Drought aid announced by U.S. Agriculture Dept.
1,000 counties to automatically qualify
The U.S. Department of Agriculture is streamlining the process for farmers to apply for government disaster help as crops in many states burn up in the widest drought in nearly 25 years.
Agriculture Secretary Tom Vilsack says more than 1,000 counties nationwide will automatically qualify for disaster assistance if they're in a severe drought for at least eight weeks or were in extreme drought this growing season.
The department also is lowering the interest rate on emergency loans to 2.25 per cent from 3.75 percent.
As much as $39 million US is available under the program.
In addition, the government will help farmers use part of the land set aside in a conservation program for hay or grazing since the drought is expected to reduce the amount of corn available for feed.
Almost a third of the U.S. corn crop is already showing signs of damage, and on Wednesday, the Department of Agriculture released yet another report predicting that farmers will get only a fraction of the corn anticipated last spring when they planted 96.4 million acres, the most since 1937.
It's too soon to say how that will affect food prices. The cost of meat is most likely to be affected because corn is used to feed cattle, and its price is usually passed along in the cost of hamburger and steak.
But meat prices were already rising and were expected to stay high after last year's drought in Texas forced many ranchers to reduce their herds.
Corn also is widely used as an ingredient — in corn flakes to ketchup, bread and soda pop — but it accounts for a small fraction of their costs compared to such things as transportation and marketing. A rule of thumb is that food prices typically climb about one per cent for every 50 per cent increase in average corn prices, said Richard Volpe, a USDA food markets research economist.
The government has already predicted food prices will increase this year by as much as 3.5 per cent. It won't be clear until the fall, when all the damage is known, how much the crop loss will add to that, Volpe said.
The drought stretches from parts of Ohio to California. The historic drought that gripped Texas and other parts of the Southwest last year was more severe, but this year is notable for the ground covered.

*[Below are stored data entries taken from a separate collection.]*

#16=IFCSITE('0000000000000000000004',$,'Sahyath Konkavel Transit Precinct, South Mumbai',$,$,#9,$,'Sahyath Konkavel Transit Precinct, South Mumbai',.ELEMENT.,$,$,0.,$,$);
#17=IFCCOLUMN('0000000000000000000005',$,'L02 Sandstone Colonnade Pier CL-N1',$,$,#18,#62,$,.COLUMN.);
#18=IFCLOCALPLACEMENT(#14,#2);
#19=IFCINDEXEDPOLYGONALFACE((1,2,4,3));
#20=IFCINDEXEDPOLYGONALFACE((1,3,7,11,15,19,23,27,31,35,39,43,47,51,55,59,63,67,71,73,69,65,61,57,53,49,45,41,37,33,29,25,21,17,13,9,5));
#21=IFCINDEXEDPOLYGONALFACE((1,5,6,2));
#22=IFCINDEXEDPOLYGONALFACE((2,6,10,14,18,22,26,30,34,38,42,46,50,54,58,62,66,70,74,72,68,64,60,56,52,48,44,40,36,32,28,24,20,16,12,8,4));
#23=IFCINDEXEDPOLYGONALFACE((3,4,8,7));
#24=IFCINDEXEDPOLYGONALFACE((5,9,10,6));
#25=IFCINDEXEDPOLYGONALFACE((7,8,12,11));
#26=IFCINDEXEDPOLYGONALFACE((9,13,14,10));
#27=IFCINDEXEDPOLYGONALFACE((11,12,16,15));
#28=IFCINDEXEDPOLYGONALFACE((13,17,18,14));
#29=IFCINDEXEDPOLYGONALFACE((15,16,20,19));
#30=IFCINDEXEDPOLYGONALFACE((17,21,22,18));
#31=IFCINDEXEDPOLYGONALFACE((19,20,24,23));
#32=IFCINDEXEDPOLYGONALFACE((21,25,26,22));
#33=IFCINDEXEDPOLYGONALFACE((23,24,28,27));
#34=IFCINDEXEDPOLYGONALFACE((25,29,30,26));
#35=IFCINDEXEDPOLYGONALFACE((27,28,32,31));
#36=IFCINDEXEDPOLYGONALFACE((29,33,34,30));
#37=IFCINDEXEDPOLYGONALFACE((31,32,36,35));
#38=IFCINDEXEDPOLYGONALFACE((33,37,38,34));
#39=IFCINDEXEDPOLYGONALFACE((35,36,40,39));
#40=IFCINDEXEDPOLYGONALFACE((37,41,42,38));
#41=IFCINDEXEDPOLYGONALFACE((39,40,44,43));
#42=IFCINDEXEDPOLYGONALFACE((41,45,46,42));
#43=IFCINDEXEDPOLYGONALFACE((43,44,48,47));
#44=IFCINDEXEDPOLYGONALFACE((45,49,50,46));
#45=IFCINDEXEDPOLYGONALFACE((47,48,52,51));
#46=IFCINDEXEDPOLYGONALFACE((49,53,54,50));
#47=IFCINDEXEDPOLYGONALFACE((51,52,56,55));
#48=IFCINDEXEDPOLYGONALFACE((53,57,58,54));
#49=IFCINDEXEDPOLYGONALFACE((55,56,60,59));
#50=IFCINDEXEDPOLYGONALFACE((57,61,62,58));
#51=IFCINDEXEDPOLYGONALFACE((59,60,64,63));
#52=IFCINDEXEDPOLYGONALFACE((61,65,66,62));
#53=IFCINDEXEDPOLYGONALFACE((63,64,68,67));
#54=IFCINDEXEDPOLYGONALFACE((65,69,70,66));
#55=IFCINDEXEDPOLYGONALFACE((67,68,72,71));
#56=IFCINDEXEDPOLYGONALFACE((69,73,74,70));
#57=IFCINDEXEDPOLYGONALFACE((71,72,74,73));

"To see something on this continental scale where we're seeing such a large portion of the country in drought you have to go back to 1988," said Brad Rippey, a USDA agricultural meteorologist. That year, farmers saw corn yields, or the amount produced per acre, drop by nearly a third.
The USDA said Wednesday it now expects farmers to get 146 bushels per acre this year, rather than the 166 bushels per acre it predicted at the beginning of the year. They will harvest an estimated 12.97 billion bushels of grain, a 12 per cent reduction from an estimate in June of 14.79 billion bushels.
'A lot of the landscape is just dying.' —Don Duvall, Illinois farmer
But even with that loss, farmers may still do better than they would have 10 years ago because plant breeders have developed corn varieties better able to withstand drought.
The average yield in 2002 was about 129 bushels per acre. Even farmers who lose much or all of their corn this year are unlikely to go under. Most take out crop insurance to cover weather-related losses.
Matt Johnson's popcorn fields in Redkey, Ind., have been burning up by the day, and he expects his insurance adjuster to tell him to mow them over if no rain comes by next month.
"It's pretty sad," said Johnson. "Everything's just so short, so small. We haven't mowed our yard since sometime in May. We didn't even get an inch of rain in June and haven't gotten an inch yet in July."
In the end, it may be farmers' spirits that take the hardest hit.
"It's a farmers' nature to want to grow a good crop, and that's a very depressing state to be in when that doesn't happen," said Don Duvall, who farms near the Illinois-Indiana state line in Carmi, Ill.
"Not only has it hit the corn crop, but there are well-established trees that are dying," he added. "Leaves are falling like it's autumn, and a lot of the landscape is just dying."